The results were so promising they started phase 2 studies. They also have trials in colorectal and ovarian cancer.
But there's a possible hitch.
While the compound -- known as GDC-0449 -- also helped shrink tumors in one patient with an aggressive type of childhood brain cancer called medulloblastoma, that patient eventually developed resistance to it.
The studies, published in the New England Journal of Medicine and the journal Science, offer a first look a promising new class of drugs that block the Hedgehog signaling pathway, which involves several proteins that play a role in cell growth.
It gets its name from fly embryos, which take the shape of spiny little hedgehogs when a gene in the pathway is blocked.
Other companies studying Hedgehog inhibitors include Bristol-Myers Squibb and partner Exelixis Inc, and Infinity Pharmaceuticals.
Dr. Charles Rudin of the Johns Hopkins Kimmel Cancer Center, who worked on the studies, said the Hedgehog signaling pathway appears to play a role in lots of cancers, but it seems to be particularly important in medulloblastoma and basal cell carcinoma, the most common type of skin cancer.
"We know that both of these cancer types have mutations in Hedgehog pathway genes, and our results with Hedgehog inhibitors could be the starting point for developing a new type of therapy for these intractable cancers," he said.
In most patients, basal cell skin cancer is easily treated with surgery. But in a rare few, it spreads.
"There are very, very rare cases where the disease can metastasize or become so advanced where you can't remove it anymore.
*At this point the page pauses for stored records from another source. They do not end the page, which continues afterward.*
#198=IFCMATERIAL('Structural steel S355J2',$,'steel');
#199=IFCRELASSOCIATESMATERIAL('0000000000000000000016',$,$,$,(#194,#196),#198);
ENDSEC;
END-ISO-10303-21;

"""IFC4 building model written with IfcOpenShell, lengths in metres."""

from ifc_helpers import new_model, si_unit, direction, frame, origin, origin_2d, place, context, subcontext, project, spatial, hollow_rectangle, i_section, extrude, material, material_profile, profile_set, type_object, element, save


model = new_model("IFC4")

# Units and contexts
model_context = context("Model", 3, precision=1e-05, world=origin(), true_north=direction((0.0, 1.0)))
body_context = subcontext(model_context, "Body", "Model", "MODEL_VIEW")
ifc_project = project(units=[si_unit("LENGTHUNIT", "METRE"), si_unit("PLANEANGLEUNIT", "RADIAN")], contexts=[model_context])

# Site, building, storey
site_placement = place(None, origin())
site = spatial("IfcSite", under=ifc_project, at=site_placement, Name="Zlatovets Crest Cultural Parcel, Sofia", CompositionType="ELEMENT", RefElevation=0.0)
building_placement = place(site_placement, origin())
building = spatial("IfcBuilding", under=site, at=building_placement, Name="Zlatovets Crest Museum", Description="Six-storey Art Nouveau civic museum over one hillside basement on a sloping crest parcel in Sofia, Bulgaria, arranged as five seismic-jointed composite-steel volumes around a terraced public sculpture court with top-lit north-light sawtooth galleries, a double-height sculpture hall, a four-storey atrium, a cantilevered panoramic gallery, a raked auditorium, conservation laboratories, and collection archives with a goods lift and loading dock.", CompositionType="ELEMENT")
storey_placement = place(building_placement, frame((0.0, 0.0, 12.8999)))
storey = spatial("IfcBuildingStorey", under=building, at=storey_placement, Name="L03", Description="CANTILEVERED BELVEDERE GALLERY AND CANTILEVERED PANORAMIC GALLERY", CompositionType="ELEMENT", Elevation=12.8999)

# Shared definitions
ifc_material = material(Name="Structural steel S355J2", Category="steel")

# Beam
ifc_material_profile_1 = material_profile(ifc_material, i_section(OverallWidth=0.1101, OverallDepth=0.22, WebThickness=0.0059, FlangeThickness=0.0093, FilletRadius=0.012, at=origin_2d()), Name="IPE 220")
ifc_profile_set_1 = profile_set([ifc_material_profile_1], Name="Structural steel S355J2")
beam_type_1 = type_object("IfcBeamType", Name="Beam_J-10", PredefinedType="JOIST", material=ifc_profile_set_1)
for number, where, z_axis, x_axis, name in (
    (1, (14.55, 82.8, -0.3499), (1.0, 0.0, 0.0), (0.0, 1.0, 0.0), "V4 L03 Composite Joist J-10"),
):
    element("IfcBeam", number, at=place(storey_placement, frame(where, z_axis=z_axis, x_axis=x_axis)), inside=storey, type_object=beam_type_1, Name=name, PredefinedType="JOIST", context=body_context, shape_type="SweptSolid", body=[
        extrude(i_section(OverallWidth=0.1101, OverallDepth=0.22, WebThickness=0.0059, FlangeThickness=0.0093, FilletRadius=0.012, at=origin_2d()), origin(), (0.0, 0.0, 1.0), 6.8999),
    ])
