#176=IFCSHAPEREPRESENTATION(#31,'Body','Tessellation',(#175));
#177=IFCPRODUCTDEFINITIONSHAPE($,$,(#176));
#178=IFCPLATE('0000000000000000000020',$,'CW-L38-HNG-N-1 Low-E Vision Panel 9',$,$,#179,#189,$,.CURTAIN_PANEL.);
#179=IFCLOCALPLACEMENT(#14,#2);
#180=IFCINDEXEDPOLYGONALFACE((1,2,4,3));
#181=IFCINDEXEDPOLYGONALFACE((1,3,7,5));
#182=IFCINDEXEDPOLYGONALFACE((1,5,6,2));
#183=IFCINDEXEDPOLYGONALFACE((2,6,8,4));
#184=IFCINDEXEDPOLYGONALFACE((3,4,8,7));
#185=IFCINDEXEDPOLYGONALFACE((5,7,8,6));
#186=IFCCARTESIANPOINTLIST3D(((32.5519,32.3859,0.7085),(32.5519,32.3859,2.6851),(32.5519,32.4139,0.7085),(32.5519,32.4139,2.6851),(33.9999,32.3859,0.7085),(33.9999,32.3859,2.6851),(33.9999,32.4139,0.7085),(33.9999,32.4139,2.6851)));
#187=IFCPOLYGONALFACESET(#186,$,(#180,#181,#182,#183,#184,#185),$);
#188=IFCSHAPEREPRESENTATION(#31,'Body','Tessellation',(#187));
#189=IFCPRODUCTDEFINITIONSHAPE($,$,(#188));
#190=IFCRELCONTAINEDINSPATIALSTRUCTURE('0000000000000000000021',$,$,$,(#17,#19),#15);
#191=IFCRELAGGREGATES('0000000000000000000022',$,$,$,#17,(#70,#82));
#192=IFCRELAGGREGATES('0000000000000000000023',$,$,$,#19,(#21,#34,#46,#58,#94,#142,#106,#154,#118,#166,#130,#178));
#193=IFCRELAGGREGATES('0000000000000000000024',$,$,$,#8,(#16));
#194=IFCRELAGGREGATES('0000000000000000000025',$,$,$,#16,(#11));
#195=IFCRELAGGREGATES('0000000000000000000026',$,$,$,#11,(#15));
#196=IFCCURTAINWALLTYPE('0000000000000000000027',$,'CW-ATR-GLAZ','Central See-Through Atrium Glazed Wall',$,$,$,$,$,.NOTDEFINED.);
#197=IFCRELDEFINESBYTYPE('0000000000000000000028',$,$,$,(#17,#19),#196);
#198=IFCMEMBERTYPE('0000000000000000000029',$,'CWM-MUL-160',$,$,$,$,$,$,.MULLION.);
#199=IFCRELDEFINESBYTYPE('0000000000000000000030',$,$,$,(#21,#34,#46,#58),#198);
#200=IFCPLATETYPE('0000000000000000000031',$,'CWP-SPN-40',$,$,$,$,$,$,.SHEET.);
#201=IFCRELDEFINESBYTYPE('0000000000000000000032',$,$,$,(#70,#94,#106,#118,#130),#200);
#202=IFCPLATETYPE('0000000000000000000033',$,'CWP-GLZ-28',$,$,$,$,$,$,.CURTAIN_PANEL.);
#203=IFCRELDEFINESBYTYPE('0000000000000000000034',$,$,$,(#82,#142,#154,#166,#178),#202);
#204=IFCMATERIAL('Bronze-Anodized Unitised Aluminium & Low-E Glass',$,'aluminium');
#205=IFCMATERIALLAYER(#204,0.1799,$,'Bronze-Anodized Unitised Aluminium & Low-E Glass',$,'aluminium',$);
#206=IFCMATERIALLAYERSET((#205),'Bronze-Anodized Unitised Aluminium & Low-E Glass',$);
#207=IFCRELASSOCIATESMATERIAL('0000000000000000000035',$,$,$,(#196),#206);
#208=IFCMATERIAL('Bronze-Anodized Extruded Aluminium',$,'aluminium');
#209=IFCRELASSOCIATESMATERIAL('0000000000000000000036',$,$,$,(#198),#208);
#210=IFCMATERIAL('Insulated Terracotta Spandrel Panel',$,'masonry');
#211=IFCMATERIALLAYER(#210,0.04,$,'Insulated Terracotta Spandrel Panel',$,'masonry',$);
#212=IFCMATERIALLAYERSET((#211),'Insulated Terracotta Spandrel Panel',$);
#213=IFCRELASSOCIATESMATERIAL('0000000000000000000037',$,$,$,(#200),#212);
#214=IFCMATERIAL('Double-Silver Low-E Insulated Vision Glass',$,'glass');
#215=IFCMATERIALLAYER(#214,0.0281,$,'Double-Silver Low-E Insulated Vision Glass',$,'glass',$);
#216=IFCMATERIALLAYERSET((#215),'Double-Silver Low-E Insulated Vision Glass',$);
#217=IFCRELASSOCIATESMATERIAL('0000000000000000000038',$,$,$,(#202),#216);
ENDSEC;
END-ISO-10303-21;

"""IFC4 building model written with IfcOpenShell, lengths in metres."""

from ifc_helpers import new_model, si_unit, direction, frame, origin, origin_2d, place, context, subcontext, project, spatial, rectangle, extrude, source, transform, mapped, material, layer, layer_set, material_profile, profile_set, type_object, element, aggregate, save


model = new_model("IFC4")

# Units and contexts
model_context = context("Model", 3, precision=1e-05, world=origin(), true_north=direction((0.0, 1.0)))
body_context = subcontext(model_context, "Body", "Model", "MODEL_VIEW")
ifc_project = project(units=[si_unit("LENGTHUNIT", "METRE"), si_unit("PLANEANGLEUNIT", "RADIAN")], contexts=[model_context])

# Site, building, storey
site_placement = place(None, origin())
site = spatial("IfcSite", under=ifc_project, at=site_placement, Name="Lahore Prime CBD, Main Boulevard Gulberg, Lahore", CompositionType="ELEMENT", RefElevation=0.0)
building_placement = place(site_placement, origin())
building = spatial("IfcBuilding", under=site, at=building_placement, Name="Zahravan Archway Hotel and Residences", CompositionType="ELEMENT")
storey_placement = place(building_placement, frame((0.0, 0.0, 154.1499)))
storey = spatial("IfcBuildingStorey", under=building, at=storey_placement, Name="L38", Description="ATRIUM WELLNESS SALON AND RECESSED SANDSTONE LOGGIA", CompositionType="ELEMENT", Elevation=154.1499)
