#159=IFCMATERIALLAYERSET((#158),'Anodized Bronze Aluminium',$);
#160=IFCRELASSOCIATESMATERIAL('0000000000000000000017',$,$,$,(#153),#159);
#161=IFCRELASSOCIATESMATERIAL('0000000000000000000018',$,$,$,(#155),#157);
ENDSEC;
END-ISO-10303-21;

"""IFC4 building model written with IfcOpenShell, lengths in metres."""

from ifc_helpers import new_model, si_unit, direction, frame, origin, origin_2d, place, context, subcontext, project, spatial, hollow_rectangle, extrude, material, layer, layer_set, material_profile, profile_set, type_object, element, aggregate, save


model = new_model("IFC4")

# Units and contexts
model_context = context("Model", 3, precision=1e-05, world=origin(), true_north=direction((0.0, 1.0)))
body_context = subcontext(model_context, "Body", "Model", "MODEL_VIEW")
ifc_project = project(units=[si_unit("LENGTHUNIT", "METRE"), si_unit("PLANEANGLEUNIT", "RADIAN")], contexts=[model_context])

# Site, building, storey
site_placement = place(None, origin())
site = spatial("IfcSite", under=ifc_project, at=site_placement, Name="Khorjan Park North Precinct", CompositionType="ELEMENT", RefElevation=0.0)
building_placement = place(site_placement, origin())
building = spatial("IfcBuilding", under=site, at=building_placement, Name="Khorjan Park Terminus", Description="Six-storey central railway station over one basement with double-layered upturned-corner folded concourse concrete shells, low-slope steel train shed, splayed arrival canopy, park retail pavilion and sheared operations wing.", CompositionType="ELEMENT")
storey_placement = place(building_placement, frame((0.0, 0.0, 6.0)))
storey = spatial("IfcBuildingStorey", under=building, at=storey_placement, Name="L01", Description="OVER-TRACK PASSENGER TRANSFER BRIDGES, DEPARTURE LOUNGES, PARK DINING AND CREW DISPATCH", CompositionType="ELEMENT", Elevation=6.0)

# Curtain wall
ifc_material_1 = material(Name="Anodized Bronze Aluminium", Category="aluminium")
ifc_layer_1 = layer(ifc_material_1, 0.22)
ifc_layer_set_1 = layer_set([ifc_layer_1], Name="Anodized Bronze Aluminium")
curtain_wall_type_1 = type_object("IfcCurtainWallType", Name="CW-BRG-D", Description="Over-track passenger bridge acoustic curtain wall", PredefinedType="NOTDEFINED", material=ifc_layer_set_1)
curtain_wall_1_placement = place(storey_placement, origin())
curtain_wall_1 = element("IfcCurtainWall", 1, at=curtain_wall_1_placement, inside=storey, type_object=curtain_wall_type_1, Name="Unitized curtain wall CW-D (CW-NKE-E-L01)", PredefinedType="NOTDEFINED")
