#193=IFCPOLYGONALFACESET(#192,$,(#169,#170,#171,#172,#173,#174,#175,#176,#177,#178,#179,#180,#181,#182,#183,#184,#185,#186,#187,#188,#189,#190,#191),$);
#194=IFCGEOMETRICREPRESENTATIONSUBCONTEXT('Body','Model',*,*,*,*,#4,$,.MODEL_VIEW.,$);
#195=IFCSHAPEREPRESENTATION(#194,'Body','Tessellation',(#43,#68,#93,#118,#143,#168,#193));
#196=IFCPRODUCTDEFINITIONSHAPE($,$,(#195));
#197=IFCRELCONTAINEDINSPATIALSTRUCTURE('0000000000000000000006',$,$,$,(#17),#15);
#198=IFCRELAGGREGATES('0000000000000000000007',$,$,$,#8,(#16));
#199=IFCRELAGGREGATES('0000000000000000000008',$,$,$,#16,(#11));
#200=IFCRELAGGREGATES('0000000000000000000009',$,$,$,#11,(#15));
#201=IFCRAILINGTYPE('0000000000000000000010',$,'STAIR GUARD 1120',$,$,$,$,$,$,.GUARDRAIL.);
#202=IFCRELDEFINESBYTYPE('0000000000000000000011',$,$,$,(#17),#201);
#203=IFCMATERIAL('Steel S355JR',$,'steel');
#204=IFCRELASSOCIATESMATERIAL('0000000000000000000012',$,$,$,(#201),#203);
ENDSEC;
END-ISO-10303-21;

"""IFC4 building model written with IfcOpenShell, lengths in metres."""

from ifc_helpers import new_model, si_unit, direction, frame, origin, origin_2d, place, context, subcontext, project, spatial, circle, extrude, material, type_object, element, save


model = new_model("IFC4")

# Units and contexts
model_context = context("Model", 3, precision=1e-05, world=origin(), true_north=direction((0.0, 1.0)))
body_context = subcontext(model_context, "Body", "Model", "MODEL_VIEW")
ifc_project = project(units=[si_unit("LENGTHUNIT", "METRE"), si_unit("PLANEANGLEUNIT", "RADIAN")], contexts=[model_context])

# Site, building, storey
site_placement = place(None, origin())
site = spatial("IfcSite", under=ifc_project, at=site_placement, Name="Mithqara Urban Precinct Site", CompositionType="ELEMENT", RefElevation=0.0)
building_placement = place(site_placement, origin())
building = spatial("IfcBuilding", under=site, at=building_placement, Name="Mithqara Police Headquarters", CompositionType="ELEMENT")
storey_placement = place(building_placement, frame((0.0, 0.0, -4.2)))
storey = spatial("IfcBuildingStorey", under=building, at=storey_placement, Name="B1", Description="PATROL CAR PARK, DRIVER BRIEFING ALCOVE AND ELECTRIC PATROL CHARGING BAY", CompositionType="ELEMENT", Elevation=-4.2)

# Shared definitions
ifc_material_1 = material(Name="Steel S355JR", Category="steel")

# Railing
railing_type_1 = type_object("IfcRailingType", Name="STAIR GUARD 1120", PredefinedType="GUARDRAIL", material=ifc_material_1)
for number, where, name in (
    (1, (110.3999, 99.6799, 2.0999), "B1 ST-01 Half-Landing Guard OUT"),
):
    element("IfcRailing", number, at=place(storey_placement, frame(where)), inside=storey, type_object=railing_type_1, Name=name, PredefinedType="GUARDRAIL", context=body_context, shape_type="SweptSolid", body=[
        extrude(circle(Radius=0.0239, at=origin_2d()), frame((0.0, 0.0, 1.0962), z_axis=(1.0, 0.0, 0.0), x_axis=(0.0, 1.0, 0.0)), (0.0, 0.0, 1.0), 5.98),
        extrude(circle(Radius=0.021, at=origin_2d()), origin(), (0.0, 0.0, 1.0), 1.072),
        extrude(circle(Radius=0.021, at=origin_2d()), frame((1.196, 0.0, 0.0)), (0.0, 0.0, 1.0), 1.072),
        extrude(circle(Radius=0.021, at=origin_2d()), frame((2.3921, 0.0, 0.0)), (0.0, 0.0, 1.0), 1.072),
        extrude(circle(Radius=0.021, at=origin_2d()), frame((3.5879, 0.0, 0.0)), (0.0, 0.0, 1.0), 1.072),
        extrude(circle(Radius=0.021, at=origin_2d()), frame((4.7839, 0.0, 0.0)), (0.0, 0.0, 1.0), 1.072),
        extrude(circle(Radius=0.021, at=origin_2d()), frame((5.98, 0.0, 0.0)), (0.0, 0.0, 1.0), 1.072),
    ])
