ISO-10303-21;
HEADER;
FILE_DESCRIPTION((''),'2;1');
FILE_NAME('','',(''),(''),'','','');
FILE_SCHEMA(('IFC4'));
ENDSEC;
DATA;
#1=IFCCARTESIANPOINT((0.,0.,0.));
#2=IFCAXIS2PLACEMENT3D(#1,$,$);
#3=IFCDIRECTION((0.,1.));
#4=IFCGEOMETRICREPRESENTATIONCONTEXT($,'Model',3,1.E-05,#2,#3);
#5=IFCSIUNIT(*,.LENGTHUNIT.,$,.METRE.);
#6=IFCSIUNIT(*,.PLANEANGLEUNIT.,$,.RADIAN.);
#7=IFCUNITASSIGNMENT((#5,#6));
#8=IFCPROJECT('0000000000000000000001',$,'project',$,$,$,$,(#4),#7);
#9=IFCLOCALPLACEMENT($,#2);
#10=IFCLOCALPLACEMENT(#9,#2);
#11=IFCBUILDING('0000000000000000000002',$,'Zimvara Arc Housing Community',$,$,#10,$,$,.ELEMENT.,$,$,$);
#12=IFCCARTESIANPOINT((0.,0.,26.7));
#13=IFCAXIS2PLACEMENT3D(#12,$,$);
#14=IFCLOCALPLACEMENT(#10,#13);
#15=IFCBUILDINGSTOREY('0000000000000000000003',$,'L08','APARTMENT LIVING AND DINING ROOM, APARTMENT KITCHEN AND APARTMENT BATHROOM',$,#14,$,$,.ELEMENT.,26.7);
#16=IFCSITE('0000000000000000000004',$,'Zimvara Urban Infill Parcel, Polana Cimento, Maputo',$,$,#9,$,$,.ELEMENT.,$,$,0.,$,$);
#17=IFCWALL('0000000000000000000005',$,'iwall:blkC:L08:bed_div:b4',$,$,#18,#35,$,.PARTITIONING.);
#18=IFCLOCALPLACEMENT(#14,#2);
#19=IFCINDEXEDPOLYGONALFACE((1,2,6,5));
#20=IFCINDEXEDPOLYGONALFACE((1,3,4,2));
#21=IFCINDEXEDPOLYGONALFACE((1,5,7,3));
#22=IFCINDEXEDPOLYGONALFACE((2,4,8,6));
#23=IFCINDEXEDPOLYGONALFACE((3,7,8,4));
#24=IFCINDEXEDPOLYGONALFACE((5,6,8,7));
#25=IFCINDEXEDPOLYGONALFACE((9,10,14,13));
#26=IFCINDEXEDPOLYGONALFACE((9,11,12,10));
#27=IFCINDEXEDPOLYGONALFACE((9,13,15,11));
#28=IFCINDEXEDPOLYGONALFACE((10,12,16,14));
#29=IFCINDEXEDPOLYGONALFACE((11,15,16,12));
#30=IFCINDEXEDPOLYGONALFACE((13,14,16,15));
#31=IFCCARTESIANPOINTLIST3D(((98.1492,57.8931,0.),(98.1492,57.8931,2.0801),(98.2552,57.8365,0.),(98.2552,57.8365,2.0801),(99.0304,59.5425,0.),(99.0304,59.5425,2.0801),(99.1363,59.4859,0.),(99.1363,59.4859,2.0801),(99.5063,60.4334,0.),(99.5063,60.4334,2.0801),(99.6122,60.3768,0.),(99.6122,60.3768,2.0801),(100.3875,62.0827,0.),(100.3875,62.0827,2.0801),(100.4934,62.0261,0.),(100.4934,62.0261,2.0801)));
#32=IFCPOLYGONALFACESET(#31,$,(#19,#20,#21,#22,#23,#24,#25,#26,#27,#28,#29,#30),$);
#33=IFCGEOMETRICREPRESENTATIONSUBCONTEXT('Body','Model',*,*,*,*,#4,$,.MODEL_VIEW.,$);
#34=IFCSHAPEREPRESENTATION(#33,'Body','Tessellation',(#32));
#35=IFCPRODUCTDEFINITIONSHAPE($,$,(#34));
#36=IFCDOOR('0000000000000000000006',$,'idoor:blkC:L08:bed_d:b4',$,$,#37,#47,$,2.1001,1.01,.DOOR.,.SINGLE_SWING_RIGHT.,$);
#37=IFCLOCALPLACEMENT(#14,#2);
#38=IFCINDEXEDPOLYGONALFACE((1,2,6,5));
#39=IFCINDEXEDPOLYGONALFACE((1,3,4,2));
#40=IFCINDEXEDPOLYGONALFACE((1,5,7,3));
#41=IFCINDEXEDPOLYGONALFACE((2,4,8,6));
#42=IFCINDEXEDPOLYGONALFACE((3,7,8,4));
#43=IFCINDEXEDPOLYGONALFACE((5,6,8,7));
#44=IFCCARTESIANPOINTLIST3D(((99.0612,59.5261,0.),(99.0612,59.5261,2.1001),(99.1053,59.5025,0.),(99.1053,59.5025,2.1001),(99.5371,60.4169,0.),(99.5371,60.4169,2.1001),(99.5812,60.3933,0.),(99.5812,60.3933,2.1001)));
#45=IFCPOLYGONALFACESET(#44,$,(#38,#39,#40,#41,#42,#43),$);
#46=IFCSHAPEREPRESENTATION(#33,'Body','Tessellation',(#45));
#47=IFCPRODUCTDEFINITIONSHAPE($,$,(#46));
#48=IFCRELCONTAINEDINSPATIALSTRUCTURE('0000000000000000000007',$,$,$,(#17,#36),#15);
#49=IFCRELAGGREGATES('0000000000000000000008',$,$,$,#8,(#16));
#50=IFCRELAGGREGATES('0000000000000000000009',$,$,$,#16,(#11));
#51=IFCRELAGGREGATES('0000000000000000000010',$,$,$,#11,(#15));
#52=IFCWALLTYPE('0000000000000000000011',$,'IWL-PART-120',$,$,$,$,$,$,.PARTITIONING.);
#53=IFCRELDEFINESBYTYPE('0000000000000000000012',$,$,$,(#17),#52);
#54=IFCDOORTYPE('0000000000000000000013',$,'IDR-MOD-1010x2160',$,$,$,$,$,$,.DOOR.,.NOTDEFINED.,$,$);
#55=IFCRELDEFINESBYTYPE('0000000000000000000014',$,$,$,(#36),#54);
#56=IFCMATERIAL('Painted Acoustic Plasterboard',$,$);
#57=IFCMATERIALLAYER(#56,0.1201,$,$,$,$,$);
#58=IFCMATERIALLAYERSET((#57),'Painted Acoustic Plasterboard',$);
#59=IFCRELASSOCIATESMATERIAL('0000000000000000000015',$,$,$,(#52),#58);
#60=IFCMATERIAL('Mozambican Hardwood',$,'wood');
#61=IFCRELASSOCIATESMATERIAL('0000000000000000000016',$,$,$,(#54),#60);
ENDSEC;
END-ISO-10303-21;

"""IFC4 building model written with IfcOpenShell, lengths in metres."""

from ifc_helpers import new_model, si_unit, direction, frame, frame_2d, origin, place, context, subcontext, project, spatial, rectangle, extrude, material, layer, layer_set, type_object, element, fill, save


model = new_model("IFC4")

# Units and contexts
model_context = context("Model", 3, precision=1e-05, world=origin(), true_north=direction((0.0, 1.0)))
body_context = subcontext(model_context, "Body", "Model", "MODEL_VIEW")
ifc_project = project(units=[si_unit("LENGTHUNIT", "METRE"), si_unit("PLANEANGLEUNIT", "RADIAN")], contexts=[model_context])

# Site, building, storey
site_placement = place(None, origin())
site = spatial("IfcSite", under=ifc_project, at=site_placement, Name="Zimvara Urban Infill Parcel, Polana Cimento, Maputo", CompositionType="ELEMENT", RefElevation=0.0)
building_placement = place(site_placement, origin())
building = spatial("IfcBuilding", under=site, at=building_placement, Name="Zimvara Arc Housing Community", CompositionType="ELEMENT")
storey_placement = place(building_placement, frame((0.0, 0.0, 26.7)))
storey = spatial("IfcBuildingStorey", under=building, at=storey_placement, Name="L08", Description="APARTMENT LIVING AND DINING ROOM, APARTMENT KITCHEN AND APARTMENT BATHROOM", CompositionType="ELEMENT", Elevation=26.7)

# Wall, opening, door
ifc_material_1 = material(Name="Painted Acoustic Plasterboard")
ifc_layer_1 = layer(ifc_material_1, 0.1201)
ifc_layer_set_1 = layer_set([ifc_layer_1], Name="Painted Acoustic Plasterboard")
wall_type_1 = type_object("IfcWallType", Name="IWL-PART-120", PredefinedType="PARTITIONING", material=ifc_layer_set_1)
wall_1_placement = place(storey_placement, frame((100.4404, 62.0544, 0.0), z_axis=(0.0, 0.0, 1.0), x_axis=(-0.471207, -0.882023, 0.0)))
wall_1 = element("IfcWall", 1, at=wall_1_placement, inside=storey, type_object=wall_type_1, Name="iwall:blkC:L08:bed_div:b4", PredefinedType="PARTITIONING", context=body_context, shape_type="SweptSolid", body=[
    extrude(rectangle(XDim=4.75, YDim=0.1201, at=frame_2d((2.375, 0.0))), origin(), (0.0, 0.0, 1.0), 2.0801),
])
opening_1_placement = place(wall_1_placement, frame((1.8701, 0.0, 0.0)))
opening_1 = element("IfcOpeningElement", 2, at=opening_1_placement, cuts=wall_1, PredefinedType="OPENING", context=body_context, shape_type="SweptSolid", body=[
    extrude(rectangle(XDim=1.01, YDim=2.1001, at=frame_2d((0.5049, 1.05))), frame((0.0, 0.0701, 0.0), z_axis=(0.0, -1.0, 0.0), x_axis=(1.0, 0.0, 0.0)), (0.0, 0.0, 1.0), 0.1401),
])
ifc_material_2 = material(Name="Mozambican Hardwood", Category="wood")
door_type_1 = type_object("IfcDoorType", Name="IDR-MOD-1010x2160", OperationType="NOTDEFINED", PredefinedType="DOOR", material=ifc_material_2)
door_1_placement = place(opening_1_placement, origin())
door_1 = element("IfcDoor", 3, at=door_1_placement, inside=storey, type_object=door_type_1, Name="idoor:blkC:L08:bed_d:b4", OperationType="SINGLE_SWING_RIGHT", OverallHeight=2.1001, OverallWidth=1.01, PredefinedType="DOOR", context=body_context, shape_type="SweptSolid", body=[
    extrude(rectangle(XDim=1.01, YDim=2.1001, at=frame_2d((0.5049, 1.05))), frame((0.0, 0.0249, 0.0), z_axis=(0.0, -1.0, 0.0), x_axis=(1.0, 0.0, 0.0)), (0.0, 0.0, 1.0), 0.05),
])
fill(opening_1, door_1)

save(model, "model.ifc")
Those are the people who were treated," said Dr. Josina Reddy, a Genentech researcher who worked on the study, said in a telephone interview.
The researchers tried the drug in 33 patients, and more than half responded. Out of 18 patients whose cancer had spread to their organs, 15 saw their tumors shrink by 30 percent.
Rudin said the response lasted for an average of nine months, and some patients have continued to benefit for close nearly two years.
In a 26-year-old patient with brain cancer, the drug shrank tumors throughout his body within weeks. "It was quite dramatic," said Rudin, but it was short lived.
Within two months, the tumors came back. Experiments showed tumors had developed a mutation that blocked the drug's action.
Dr. Andrzej Dlugosz of the University of Michigan, who wrote a commentary in the New England Journal of Medicine, said the studies raise hope for a new class of cancer drugs.
And he said the mutation issue is not a deal breaker.
"It certainly raises concerns regarding how able the cells are to develop mutations, but hopefully, there will be a way around it."